Combinations of suitable, swellable elastomers may also be used. In certain embodiments, some of the elastomers that swell in oil-based fluids may also swell in aqueous-based fluids. Suitable elastomers that may swell in both aqueous-based and oil-based fluids, include, but are not limited to ethylene propylene rubbers, ethylene-propylene-diene terpolymer rubbers, butyl rubbers, brominated butyl rubbers, chlorinated butyl rubbers, chlorinated polyethylene, neoprene rubbers, styrene butadiene copolymer rubbers, sulphonated polyethylenes, ethylene acrylate rubbers, epichlorohydrin ethylene oxide copolymer, silicone rubbers and fluorosilicone rubbers, and any combination thereof. Those of ordinary skill in the art, with the benefit of this disclosure, will know the appropriate fluid to use in order to swell the particular swellable elastomer composition.
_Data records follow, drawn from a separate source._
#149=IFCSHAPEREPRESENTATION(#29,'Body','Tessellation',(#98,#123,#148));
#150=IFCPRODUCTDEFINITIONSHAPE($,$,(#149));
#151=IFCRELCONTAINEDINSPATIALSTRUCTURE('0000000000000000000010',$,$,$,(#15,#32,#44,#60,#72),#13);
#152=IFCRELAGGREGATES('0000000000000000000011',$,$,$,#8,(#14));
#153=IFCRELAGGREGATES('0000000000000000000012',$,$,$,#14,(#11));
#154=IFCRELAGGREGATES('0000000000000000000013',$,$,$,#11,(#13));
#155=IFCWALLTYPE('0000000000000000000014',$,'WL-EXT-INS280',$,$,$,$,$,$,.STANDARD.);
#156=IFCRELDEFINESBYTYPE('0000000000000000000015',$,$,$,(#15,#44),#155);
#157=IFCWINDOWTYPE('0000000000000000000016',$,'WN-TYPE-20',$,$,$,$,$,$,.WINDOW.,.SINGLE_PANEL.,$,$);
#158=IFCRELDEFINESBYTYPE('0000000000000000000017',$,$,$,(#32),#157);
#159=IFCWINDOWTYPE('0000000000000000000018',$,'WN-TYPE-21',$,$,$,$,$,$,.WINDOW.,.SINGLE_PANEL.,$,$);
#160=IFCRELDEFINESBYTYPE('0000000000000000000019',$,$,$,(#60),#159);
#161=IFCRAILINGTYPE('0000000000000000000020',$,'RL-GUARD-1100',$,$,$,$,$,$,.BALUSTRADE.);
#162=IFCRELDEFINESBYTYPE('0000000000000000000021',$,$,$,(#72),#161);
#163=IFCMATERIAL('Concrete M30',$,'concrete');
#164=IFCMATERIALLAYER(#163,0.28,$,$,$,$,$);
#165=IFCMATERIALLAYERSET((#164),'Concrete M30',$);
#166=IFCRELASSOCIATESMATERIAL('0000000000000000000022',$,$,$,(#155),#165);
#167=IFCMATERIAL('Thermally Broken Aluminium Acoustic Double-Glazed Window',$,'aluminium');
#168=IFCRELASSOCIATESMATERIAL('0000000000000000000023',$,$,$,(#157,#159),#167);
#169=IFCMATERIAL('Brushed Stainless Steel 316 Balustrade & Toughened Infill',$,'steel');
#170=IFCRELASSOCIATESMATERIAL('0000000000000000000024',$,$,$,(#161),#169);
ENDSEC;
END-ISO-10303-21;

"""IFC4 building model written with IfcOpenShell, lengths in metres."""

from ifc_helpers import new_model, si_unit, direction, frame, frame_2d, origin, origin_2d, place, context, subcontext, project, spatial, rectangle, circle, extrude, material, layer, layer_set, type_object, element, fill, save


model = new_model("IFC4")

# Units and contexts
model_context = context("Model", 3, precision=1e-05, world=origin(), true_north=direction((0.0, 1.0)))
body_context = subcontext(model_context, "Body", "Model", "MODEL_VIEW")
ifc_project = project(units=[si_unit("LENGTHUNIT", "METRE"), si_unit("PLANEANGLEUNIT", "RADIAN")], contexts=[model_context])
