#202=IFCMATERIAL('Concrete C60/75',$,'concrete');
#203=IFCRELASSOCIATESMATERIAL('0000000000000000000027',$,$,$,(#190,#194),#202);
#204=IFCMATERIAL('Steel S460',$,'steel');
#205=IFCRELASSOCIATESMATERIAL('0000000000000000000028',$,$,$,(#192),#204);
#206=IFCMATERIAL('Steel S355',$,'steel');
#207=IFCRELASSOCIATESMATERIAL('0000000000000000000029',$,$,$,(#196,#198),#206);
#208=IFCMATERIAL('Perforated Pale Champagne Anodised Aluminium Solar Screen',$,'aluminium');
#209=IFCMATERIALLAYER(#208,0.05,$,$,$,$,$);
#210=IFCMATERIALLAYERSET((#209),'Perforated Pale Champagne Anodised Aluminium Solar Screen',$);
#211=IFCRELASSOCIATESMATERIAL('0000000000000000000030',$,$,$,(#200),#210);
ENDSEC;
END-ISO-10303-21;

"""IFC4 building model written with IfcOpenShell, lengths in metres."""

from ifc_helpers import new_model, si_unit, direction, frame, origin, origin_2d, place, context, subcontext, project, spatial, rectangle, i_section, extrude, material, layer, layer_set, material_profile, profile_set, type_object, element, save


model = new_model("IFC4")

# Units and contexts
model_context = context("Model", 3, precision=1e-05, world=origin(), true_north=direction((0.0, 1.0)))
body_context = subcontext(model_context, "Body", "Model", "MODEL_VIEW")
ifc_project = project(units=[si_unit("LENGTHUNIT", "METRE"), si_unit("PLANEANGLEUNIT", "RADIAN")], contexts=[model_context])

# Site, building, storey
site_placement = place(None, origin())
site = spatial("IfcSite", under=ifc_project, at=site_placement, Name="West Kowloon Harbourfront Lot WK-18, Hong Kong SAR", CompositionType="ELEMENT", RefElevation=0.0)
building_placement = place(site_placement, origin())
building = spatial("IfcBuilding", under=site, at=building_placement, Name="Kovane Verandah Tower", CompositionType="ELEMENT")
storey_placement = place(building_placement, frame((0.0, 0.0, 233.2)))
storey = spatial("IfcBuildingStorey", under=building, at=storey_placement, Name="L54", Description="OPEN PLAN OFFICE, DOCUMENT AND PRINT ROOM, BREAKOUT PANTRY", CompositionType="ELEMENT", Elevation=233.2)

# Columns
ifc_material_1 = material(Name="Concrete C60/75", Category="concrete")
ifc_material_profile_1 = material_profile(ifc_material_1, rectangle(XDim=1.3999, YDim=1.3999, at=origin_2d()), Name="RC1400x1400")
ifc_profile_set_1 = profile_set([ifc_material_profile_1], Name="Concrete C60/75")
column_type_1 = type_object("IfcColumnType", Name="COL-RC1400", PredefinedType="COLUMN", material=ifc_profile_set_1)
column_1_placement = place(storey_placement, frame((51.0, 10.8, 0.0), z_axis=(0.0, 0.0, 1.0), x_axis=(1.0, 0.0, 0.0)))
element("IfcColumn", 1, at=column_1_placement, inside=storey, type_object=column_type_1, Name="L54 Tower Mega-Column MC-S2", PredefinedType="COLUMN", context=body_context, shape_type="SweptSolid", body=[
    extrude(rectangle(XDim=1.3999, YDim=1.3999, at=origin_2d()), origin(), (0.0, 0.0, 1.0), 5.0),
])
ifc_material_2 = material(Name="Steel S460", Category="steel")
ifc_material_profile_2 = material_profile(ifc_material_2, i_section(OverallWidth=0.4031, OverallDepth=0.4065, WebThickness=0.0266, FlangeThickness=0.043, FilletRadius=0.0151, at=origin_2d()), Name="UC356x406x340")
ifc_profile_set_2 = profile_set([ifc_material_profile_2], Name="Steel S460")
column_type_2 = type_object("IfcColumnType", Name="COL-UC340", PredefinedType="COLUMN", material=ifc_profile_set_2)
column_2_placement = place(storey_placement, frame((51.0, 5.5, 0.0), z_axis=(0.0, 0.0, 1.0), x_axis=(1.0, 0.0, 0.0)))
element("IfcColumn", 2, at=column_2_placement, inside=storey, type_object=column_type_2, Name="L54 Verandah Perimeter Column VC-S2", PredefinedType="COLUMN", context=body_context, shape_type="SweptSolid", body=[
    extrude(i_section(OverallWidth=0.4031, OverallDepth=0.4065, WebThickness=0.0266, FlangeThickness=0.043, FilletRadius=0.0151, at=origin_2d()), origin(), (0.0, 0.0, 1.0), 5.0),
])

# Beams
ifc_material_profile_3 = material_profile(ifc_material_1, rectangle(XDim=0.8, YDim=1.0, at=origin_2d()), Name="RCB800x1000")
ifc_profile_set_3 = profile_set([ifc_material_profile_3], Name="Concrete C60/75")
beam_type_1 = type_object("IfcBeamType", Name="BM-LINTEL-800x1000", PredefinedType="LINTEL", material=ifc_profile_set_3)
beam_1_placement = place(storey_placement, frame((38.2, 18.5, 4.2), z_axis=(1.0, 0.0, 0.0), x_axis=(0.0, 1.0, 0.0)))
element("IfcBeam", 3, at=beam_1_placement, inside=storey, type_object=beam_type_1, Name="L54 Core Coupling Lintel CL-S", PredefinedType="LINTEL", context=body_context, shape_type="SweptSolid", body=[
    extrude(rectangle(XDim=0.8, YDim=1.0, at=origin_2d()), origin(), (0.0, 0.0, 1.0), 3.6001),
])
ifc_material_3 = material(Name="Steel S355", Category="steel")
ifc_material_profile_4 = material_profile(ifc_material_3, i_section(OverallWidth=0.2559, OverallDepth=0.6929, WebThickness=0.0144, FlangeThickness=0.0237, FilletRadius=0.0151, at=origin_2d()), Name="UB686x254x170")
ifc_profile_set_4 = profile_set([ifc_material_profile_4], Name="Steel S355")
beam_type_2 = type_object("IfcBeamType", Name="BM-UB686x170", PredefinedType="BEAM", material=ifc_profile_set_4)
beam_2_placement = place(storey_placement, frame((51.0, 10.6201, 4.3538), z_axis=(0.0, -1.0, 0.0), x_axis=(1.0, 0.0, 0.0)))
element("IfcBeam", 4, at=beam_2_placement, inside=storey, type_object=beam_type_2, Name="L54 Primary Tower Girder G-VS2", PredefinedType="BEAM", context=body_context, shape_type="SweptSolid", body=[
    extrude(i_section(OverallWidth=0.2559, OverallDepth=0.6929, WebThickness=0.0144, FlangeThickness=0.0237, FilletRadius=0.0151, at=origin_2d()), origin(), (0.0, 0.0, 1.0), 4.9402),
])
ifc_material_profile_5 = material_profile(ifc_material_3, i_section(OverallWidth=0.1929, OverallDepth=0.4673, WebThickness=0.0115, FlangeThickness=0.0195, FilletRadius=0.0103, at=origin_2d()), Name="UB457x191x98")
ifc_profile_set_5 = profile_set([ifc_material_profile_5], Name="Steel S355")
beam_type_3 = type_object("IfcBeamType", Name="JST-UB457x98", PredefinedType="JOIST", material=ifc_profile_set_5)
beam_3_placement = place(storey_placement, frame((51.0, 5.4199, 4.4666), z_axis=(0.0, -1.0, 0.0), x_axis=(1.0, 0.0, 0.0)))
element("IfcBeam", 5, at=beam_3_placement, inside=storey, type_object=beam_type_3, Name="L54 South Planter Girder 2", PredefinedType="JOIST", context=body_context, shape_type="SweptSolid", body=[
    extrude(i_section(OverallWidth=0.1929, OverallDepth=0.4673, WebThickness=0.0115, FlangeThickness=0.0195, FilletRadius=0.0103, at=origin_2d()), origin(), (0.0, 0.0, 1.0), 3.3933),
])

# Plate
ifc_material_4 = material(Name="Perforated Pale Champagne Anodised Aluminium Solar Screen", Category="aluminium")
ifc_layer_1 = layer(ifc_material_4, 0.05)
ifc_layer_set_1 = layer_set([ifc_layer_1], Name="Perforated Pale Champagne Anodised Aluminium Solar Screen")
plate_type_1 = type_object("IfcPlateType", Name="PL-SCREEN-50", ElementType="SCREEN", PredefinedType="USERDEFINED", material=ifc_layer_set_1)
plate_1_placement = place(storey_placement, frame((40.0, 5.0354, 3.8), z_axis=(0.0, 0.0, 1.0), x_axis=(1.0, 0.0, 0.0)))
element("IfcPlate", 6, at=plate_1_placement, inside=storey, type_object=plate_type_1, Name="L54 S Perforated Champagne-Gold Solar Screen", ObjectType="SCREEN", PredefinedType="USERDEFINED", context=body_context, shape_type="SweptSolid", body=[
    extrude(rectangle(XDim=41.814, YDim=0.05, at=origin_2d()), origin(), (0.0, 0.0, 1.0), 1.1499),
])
In certain embodiments, the swellable elastomers may be crosslinked and/or lightly crosslinked. Other swellable elastomers that behave in a similar fashion with respect to fluids may also be suitable. Those of ordinary skill in the art, with the benefit of this disclosure, will be able to select appropriate, swellable elastomers based on a variety of factors, including the application in which the composition will be used and the desired swelling characteristics.

Where used, the swellable particles generally may be included in the embodiments of the sealant in an amount sufficient to provide the desired barrier properties. In some embodiments, the swellable particles may be placed in a fracture or void in a treatment fluid comprising an amount up to about 50% by volume of the treatment fluid. In some embodiments, the swellable particles may be present in a range of about 5% to about 95% by volume of the treatment fluid used to place the particles.
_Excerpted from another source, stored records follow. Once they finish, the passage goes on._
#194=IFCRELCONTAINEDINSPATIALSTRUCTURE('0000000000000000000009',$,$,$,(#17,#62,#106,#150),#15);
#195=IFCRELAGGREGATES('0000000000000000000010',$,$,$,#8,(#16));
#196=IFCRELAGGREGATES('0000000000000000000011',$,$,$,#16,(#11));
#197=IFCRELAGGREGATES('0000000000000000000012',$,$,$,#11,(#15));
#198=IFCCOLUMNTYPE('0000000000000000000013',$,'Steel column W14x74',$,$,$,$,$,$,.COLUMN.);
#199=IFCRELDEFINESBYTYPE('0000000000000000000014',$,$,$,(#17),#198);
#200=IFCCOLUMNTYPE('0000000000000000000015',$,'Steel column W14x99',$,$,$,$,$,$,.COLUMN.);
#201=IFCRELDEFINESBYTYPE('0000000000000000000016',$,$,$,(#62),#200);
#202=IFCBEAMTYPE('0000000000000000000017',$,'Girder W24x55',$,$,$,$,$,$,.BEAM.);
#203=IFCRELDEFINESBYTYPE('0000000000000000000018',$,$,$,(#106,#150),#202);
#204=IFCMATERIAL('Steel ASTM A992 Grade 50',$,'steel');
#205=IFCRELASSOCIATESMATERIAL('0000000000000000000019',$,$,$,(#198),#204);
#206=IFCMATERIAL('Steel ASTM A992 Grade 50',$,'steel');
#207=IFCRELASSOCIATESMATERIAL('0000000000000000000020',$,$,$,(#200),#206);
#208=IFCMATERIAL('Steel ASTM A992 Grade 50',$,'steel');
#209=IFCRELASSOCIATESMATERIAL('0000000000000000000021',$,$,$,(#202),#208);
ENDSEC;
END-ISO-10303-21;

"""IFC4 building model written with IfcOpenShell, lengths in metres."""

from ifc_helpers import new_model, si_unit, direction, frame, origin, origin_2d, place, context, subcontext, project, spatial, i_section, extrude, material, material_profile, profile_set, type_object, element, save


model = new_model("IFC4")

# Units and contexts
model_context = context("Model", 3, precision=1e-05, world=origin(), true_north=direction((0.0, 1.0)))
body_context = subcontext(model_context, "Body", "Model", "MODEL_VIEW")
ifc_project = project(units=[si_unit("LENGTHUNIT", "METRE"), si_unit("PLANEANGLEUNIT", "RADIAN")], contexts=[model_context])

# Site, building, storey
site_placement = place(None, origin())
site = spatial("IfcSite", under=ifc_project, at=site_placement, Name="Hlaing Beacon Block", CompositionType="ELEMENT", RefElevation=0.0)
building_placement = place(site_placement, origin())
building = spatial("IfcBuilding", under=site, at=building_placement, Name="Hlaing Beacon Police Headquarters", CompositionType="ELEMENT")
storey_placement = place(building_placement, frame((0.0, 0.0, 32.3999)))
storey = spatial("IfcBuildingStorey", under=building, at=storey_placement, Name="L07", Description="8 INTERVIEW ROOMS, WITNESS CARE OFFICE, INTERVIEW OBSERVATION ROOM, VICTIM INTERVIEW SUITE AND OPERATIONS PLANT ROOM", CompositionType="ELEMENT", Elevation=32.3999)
In addition, the swellable particles that are utilized may have a wide variety of shapes and sizes of individual particles suitable for use with embodiments of the present invention. By way of example, the swellable particles may have a well-defined physical shape as well as an irregular geometry, including the physical shape of platelets, shavings, fibers, flakes, ribbons, rods, strips, spheroids, beads, pellets, tablets, or any other physical shape. In some embodiments, the swellable particles may have a particle size in the range of about 5 microns to about 1,500 microns. In some embodiments, the swellable particles may have a particle size in the range of about 20 microns to about 500 microns. However, particle sizes outside these defined ranges also may be suitable for particular applications.

In an embodiment, the sealant may comprise a cement. Any suitable cement known in the art may be used as the sealant. An example of a suitable cement includes hydraulic cement, which may comprise calcium, aluminum, silicon, oxygen, and/or sulfur and which sets and hardens by reaction with water. Examples of hydraulic cements include, but are not limited to, a Portland cement, a pozzolan cement, a gypsum cement, a high alumina content cement, a silica cement, a high alkalinity cement, or combinations thereof. Preferred hydraulic cements are Portland cements of the type described in American Petroleum Institute (API) Specification 10, 5th Edition, Jul. 1, 1990, which is incorporated by reference herein in its entirety. The cement may be, for example, a class A, B, C, G, or H Portland cement. Another example of a suitable cement is microfine cement, for example, MICRODUR RU microfine cement, available from Dyckerhoff GmBH of Lengerich, Germany. Combinations of cements and swellable particles may also be used.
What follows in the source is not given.